Loney: Does that take us into the discussion about what AI is going to mean for companies moving forward? There’s a lot of discussion about AI replacing humans. But it seems like more people are coming around to the fact that AI will be complementary to humans.
The Question of Human Replacement
Puntoni: It will be both. But I think that a lot of the conversations around AI have this tone of human replacement, and human or AI. Can we develop AI systems that emulate human capabilities? The assumption of doing that is to say, well, once we have the AI system that can do what the human does, maybe we don’t need a human anymore.
I argue that business schools can play an important role to complement that perspective with a different one, which is what kinds of AI systems do we need to complement and augment human experience and human expertise? Instead of thinking about human or AI, can we think about human and AI? For example, I’m teaching a course at Wharton called “AI In Our Lives.” The whole point is exactly to do that and think about what can I do, and how do we benefit from that? What is it that humans do incredibly well, and how do we design an AI system to support that?
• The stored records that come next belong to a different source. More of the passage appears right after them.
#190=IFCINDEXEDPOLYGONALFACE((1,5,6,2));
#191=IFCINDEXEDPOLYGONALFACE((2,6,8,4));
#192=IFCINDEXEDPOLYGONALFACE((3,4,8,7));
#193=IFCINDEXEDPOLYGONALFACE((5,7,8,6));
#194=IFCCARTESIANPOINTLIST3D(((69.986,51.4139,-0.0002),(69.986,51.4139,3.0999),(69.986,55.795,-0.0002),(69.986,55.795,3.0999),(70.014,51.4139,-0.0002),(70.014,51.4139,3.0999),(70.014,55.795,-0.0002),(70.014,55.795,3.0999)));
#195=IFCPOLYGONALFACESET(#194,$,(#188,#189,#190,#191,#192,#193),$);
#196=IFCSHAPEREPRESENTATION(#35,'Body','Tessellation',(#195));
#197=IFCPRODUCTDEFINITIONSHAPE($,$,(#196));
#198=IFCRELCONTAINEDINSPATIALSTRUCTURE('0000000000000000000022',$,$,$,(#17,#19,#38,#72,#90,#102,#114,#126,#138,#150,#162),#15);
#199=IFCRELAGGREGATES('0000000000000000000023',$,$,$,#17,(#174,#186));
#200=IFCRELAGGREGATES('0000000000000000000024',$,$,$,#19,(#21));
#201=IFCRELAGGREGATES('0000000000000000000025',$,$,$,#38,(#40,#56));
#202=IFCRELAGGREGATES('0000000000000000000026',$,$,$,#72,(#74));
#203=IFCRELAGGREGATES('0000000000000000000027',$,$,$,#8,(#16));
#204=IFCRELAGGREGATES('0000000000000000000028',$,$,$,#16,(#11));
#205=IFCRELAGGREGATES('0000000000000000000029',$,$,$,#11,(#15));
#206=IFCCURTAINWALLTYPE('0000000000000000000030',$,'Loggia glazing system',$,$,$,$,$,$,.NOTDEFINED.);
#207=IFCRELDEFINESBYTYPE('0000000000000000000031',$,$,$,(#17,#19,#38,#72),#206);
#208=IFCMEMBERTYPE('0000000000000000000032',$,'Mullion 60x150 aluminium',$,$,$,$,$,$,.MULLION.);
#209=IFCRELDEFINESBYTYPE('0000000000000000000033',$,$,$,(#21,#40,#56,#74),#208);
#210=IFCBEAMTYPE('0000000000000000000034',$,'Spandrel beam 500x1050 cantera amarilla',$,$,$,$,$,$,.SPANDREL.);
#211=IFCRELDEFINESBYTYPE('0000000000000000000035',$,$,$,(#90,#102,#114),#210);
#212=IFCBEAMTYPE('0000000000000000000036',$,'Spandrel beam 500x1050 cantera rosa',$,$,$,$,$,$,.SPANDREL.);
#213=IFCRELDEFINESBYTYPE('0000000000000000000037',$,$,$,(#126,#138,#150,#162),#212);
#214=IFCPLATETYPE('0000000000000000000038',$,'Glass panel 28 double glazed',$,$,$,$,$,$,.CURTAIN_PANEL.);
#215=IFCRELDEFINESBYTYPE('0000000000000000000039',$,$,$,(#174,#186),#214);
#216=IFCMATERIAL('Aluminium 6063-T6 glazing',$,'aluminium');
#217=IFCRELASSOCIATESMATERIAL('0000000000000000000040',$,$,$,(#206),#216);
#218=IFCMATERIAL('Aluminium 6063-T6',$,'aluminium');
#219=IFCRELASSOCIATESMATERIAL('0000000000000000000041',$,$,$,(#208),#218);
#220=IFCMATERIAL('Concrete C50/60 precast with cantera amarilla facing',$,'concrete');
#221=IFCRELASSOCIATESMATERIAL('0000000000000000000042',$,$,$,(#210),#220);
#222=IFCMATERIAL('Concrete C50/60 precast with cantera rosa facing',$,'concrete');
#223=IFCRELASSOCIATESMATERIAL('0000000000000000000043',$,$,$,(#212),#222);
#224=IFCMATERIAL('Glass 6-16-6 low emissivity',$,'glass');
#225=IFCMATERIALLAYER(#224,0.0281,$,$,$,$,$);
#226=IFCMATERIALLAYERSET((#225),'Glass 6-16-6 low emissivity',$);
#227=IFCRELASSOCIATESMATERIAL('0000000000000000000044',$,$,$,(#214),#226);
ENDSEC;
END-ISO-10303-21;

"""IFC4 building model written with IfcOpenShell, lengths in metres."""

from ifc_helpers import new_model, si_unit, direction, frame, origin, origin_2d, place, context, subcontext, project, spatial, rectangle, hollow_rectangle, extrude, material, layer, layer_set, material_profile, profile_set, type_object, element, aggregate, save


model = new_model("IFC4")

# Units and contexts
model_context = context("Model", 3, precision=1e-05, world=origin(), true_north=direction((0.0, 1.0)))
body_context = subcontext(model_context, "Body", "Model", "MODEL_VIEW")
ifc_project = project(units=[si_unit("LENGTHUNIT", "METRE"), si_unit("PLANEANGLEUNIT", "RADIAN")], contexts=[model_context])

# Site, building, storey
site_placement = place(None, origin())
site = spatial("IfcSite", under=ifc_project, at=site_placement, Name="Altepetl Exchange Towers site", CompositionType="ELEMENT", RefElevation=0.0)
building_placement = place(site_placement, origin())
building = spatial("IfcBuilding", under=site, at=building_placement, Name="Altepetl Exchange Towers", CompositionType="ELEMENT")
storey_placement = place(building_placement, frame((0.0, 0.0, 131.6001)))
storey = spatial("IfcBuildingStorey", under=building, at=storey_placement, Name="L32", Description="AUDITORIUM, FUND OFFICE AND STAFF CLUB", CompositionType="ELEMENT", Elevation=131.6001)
Loney: I would imagine that when you look at the decision process, you’re talking about things that can impact top to bottom, up and down the corporate ladder?
Puntoni: Yeah, of course. In different functions, in different levels in the organization. One point that we make in the book is that every decision-maker needs to consider what decisions are mine to make, and not worry about those that are not yours to make. Of course, you can lobby, you can try to influence and bring issues to the table for those who make those decisions. But you should primarily focus on the decision you need to make and then find out how technology and data can help you making those decisions.
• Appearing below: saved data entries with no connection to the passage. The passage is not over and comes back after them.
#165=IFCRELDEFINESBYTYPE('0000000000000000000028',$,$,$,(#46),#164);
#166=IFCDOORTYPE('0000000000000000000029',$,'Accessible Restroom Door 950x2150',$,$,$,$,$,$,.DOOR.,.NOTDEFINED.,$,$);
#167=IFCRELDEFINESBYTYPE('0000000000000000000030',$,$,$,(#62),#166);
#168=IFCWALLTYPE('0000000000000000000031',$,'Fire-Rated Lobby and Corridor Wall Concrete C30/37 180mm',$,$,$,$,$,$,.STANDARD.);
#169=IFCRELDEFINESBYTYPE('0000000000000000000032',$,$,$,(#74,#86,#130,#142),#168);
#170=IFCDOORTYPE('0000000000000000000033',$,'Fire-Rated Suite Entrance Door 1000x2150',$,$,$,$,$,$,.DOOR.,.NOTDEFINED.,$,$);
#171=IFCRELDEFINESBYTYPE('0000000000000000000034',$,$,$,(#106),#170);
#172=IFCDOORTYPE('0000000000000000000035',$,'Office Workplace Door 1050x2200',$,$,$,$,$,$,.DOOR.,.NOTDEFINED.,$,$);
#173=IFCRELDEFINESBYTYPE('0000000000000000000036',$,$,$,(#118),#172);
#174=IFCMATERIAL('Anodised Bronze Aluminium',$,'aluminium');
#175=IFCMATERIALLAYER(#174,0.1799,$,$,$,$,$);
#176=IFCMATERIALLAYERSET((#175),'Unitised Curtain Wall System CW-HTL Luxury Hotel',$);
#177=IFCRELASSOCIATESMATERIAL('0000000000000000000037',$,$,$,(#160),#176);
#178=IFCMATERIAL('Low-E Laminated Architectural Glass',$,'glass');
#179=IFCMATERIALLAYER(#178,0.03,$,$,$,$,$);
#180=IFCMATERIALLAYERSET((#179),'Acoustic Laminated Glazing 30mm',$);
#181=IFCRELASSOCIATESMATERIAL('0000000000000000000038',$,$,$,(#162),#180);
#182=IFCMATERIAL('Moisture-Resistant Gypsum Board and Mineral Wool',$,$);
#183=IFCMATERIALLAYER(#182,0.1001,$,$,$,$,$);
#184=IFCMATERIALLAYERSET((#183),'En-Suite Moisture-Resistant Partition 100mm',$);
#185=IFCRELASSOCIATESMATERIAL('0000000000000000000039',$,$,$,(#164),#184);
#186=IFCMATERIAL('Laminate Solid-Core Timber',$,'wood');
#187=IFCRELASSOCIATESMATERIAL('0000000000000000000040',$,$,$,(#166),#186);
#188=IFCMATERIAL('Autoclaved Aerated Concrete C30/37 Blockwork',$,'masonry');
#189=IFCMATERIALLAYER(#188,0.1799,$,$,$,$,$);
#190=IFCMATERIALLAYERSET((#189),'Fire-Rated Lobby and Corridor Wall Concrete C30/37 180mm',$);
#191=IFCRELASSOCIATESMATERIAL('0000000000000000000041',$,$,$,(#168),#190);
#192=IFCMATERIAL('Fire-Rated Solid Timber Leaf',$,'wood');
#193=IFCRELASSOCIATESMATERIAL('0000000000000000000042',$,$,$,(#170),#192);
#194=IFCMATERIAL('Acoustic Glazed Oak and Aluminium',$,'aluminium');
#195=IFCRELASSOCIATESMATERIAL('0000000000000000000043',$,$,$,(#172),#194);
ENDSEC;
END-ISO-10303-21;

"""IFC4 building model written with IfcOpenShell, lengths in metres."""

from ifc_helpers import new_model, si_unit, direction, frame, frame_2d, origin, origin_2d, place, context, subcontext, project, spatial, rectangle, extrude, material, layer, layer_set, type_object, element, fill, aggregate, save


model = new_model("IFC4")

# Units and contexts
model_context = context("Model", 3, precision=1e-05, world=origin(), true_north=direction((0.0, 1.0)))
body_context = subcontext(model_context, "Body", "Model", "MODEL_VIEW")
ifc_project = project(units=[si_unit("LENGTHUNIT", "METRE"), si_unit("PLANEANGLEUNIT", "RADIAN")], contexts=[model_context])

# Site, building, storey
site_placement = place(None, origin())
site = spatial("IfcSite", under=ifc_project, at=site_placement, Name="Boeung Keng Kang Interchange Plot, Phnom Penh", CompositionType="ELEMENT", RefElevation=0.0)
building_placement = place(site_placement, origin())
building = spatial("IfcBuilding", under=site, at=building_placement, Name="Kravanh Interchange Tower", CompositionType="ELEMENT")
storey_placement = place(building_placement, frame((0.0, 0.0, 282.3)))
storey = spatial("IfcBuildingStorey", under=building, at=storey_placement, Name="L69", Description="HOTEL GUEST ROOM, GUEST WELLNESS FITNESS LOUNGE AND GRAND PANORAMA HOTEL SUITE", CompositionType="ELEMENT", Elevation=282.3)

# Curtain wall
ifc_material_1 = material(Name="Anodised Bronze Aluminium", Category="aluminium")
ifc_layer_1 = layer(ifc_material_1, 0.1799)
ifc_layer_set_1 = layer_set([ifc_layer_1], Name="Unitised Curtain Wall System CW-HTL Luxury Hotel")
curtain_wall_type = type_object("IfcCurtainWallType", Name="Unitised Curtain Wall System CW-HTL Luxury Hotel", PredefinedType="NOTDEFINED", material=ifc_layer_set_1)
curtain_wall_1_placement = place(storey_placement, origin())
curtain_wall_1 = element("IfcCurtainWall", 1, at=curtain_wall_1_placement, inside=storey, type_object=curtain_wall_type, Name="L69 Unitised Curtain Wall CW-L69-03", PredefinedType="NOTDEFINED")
Loney: One of the other areas you talk about in the book are the decisions that end up having an impact either in costs or benefits, or the investments that a company may make.
Puntoni: Right, and that stems from the vision of the leadership. What it is that we’re trying to pursue? I think AI is one of those technologies, and analytics more broadly, that enables companies to think in different ways about the benefits they can reap. Some of it might be efficiency. It could be mostly a matter of making things smoother, better, reducing risks, and reducing costs, and managing things that way.
But there is also a different way of thinking of it. Perhaps not just say, how do we do what we do better? But to think bigger and think about what is it that we are not currently doing that we could be doing? And that, I think, is the real potential of data and AI.
Loney: For people who read the book, what do you hope is the message that’s delivered to them?
Puntoni: We end with this message, and I think it is really the key thing. Ultimately, data and analytics attract a lot of our attention. They are sexy, shiny objects, and they are interesting problems. They also can be scary and complicated. So, it’s not surprising that so much attention is dedicated to them. But we should never forget that data and algorithms are a means to an end. What matters in the end are the decisions that we make.